L'histoire :
La Révolution vit des heures difficiles : l’Europe des rois la menace. Des révoltes s’organisent dans plusieurs grandes villes, le peuple à faim… Le Comité de salut public veille et il ne tarde pas à suspecter chacun de contre-révolution. Dans ce contexte, Marat, l’ami du peuple, est assassiné. Dans un élan patriotique, il devient, sous les pinceaux de David, un grand martyr de la République. Robespierre est d’ailleurs très attentif à la réalisation du tableau : l’art n’est-il pas un moyen d’offrir au peuple des exemples de patriotisme et de vertu ? L’inauguration, peu après, au Louvre, un ancien palais royal, du premier musée de la Nation confirme l’intention : lutter, outre les armes, grâce aux œuvres artistiques porteuses de nouveaux idéaux contre les ennemis de la Révolution.

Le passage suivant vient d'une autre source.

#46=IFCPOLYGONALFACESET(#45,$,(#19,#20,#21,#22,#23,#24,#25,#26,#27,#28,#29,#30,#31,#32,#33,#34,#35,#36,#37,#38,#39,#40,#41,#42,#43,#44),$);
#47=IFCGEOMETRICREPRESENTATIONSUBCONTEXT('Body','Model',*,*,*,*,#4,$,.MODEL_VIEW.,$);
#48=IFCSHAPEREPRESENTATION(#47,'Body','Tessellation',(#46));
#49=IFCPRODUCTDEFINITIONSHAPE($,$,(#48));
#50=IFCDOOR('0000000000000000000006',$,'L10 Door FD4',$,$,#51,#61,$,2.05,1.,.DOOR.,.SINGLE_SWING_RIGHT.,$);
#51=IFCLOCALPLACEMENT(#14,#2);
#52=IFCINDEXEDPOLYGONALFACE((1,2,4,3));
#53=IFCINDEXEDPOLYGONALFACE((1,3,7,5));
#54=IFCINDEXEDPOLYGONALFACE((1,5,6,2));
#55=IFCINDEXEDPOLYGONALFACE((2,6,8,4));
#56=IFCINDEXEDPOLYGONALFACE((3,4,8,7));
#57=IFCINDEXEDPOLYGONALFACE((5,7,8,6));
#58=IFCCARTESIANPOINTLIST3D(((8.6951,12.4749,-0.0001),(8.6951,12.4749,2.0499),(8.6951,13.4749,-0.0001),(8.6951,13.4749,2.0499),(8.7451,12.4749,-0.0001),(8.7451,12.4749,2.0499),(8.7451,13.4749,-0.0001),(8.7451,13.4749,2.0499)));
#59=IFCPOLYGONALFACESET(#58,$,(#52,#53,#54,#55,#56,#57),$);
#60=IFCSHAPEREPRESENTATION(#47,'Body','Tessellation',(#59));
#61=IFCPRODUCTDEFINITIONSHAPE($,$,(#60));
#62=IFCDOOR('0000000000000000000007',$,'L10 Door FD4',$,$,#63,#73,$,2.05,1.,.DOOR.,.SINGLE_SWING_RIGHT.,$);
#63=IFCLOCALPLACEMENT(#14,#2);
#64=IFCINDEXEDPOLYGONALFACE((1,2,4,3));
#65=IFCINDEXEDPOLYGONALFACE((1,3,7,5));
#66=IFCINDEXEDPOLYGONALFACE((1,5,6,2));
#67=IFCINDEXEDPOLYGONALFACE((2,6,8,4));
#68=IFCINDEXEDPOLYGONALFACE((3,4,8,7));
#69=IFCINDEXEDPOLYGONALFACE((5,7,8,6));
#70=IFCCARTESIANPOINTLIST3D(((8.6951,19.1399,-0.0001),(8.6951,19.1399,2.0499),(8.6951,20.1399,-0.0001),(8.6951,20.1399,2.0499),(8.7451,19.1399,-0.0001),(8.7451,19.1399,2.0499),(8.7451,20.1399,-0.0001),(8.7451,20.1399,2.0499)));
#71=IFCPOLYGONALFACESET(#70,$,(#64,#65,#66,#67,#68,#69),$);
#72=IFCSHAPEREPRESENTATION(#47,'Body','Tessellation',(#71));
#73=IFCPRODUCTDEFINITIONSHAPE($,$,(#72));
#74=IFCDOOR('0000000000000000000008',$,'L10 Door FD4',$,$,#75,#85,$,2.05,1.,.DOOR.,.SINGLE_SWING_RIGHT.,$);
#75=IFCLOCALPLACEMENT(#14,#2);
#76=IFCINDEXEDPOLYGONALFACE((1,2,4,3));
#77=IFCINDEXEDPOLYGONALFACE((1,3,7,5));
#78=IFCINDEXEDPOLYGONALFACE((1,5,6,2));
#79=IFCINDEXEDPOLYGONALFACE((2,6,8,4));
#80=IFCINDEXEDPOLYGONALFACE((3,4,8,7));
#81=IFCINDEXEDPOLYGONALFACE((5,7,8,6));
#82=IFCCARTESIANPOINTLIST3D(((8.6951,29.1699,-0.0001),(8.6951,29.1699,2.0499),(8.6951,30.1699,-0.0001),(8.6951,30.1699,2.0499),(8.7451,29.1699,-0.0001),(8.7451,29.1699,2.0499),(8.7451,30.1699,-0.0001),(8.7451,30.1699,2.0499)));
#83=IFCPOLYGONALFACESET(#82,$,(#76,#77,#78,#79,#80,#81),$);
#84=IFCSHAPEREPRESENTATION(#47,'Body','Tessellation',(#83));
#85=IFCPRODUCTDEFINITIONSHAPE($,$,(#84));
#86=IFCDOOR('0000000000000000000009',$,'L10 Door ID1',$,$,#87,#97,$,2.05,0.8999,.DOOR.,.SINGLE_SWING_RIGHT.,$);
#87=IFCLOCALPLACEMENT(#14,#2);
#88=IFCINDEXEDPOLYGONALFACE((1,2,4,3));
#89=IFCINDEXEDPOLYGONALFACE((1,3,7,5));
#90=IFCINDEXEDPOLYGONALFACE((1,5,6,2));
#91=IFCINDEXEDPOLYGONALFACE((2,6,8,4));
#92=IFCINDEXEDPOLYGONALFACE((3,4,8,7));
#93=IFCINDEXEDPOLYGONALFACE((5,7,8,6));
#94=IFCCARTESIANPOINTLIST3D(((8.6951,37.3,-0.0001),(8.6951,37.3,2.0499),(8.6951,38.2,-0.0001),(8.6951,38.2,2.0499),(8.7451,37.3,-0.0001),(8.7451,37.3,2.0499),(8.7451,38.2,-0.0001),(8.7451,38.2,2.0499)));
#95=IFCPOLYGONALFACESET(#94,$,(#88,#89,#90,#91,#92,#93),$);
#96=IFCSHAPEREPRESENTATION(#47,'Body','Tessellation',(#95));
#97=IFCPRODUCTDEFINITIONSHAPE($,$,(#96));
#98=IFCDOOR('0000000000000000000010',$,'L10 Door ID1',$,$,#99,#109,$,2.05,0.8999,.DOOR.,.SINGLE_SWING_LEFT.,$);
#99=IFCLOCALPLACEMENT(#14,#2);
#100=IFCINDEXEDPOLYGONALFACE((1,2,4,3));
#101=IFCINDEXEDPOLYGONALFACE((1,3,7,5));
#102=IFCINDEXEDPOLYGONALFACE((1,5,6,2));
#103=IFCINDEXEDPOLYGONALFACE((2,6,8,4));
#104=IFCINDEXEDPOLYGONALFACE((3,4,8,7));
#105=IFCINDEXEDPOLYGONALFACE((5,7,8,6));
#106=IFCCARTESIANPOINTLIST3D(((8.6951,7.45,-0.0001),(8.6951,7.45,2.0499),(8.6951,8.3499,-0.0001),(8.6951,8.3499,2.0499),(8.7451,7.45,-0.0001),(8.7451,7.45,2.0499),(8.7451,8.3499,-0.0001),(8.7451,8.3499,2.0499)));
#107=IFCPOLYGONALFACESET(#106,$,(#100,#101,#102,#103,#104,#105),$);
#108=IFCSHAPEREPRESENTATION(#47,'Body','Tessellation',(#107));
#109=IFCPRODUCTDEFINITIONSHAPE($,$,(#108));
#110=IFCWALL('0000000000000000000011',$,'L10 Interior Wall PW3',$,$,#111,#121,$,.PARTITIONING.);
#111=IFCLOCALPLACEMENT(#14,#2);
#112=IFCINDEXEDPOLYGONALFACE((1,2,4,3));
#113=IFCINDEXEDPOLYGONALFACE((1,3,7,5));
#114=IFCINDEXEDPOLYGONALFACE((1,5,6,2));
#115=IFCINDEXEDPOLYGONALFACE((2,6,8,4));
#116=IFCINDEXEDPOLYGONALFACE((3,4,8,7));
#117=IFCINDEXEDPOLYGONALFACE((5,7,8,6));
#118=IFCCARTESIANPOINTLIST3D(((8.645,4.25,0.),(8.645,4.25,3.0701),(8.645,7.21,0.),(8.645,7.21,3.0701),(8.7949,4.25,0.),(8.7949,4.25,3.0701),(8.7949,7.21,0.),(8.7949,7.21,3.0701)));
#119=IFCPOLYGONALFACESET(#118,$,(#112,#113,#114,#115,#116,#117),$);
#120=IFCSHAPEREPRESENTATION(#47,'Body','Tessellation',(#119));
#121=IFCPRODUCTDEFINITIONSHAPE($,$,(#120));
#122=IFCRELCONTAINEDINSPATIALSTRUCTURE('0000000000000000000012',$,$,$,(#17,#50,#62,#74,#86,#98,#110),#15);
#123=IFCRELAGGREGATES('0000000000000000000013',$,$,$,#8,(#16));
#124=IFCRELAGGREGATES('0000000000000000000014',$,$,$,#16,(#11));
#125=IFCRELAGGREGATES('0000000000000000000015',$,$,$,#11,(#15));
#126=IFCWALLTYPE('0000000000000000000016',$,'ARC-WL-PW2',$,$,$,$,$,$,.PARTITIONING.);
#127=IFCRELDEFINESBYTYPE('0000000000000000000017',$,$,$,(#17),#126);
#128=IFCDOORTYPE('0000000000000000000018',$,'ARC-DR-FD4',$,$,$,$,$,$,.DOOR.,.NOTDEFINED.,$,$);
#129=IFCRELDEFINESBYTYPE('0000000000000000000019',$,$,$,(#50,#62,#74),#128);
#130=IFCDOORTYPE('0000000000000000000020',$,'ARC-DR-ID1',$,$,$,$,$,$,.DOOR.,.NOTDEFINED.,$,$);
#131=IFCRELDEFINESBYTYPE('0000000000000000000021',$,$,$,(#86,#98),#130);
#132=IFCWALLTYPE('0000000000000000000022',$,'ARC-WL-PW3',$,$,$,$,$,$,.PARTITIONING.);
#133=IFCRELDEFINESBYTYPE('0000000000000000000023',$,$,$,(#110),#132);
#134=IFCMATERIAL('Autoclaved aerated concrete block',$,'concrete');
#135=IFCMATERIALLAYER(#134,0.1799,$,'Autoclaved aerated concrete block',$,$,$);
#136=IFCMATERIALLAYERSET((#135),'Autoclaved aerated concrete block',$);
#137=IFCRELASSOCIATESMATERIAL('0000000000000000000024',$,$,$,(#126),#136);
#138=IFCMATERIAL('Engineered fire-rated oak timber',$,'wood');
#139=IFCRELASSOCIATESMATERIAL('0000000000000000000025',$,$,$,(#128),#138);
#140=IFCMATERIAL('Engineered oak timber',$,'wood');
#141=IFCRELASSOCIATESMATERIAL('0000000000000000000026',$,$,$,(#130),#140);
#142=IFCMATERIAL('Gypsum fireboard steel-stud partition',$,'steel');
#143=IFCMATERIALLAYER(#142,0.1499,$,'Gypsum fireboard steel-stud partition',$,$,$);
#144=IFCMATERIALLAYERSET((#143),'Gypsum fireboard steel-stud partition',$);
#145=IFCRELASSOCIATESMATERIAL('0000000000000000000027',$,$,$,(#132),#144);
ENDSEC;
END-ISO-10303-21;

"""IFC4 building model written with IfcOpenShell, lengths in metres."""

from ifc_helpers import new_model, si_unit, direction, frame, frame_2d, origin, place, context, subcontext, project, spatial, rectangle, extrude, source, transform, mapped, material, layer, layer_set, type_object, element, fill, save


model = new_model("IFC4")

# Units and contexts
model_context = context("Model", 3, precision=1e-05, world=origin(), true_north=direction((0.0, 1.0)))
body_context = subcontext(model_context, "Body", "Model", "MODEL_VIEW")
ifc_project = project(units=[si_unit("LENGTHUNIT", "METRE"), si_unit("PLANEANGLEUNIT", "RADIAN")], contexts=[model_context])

Ainsi, dans la galerie centrale, les chefs-d’œuvre de l’Ancien Régime cèdent la place aux tableaux des contemporains qui, tels David et son école, célèbrent le corps masculin, plus apte à caractériser les exploits révolutionnaires. Bientôt acculée par les soulèvements provinciaux, la Convention décrète « La Terreur » pour une série impressionnante de décapitations. Le sujet ne crée aucune division, contrairement à une question qui anime les débats depuis peu : Robespierre souhaite proclamer les cultes libres et donner un idéal mystique dont, selon lui, le peuple a besoin. Peu touché par les arguments de son ennemi Danton, il voudrait que cet idéal s’incarne lors d’une grande fête au printemps, celle de l’Être Suprême dont il demande à David de trouver le visage qui l’incarnerait.

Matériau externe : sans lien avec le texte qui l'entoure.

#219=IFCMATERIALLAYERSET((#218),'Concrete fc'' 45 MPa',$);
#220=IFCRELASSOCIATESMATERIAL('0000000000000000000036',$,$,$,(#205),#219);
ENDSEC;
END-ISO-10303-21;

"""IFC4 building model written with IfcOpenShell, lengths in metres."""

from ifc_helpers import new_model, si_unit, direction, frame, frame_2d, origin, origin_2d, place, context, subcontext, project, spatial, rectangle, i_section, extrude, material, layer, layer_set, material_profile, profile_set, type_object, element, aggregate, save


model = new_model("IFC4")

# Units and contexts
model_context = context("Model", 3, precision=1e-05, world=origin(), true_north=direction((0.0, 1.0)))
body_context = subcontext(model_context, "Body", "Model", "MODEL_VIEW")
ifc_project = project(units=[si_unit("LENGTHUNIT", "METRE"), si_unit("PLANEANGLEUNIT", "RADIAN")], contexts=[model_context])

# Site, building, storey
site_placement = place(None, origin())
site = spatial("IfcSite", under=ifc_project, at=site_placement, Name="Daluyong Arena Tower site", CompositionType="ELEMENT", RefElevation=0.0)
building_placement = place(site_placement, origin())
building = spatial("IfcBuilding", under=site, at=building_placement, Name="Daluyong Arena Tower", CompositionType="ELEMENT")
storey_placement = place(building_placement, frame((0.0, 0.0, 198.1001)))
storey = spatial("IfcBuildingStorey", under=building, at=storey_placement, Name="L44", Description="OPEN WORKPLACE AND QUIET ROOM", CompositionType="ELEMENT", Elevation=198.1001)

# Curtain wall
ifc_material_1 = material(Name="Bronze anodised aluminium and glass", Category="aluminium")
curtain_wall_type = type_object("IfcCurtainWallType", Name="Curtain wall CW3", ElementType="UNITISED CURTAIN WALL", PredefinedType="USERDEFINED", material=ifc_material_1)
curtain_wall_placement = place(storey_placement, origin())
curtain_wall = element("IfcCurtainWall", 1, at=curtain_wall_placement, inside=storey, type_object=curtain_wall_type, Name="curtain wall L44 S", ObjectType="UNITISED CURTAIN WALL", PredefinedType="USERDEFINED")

Ce qu'on en pense sur la planète BD :
Pour leur 4e collaboration éditoriale, le Louvre et Futuropolis s’offrent un casting haut de gamme en confiant ce nouveau titre de leur collection à une paire inédite : Jean-Claude Carrière, entre autre scénariste au cinéma pour Buñuel, Forman ou Wajda et Bernar Yslaire, un vrai spécialiste de la BD, consacré par Sambre ou Le ciel au dessus de Bruxelles. L’un et l’autre étaient depuis longtemps séduits par leurs travaux respectifs et avaient en commun une fascination pour la Révolution française : la réalisation partagée de cet album démontre l’indiscutable efficacité de leur association. En choisissant pour fil rouge l’impossible réalisation d’un tableau, les auteurs balayent une courte période de l’Histoire de la Révolution en focalisant sur l’engagement politico-artistique de David et ses rapports avec Robespierre. Découpé en 20 chapitres très courts, parfaitement ciselés et écrits avec fluidité, le récit est un enchainement de scènes qui rendent compte de l’urgence qui agitaient alors chacun : chaque décision est prise vite et sans tergiversation, pour être certain que les choses seront effectivement faites sans possible retour en arrière. Cette sensation est renforcée par le dessin qui ouvre chaque chapitre par un tableau pleine page, puis laisse la place, au fil du récit, à des esquisses simplifiées et pleines de mouvements. La conjugaison de ce subtil découpage, du trait talentueux et de la manière fluide de conter rend la découverte de ce pan historique haletant et passionnant. Seul bémol : la présence de Jules Stern qui, s’il fait le clin d’œil aux derniers ouvrages de Bernar Yslaire et cherche à incarner quelques idéaux, se révèle parfaitement inutile. Un excellent album cependant.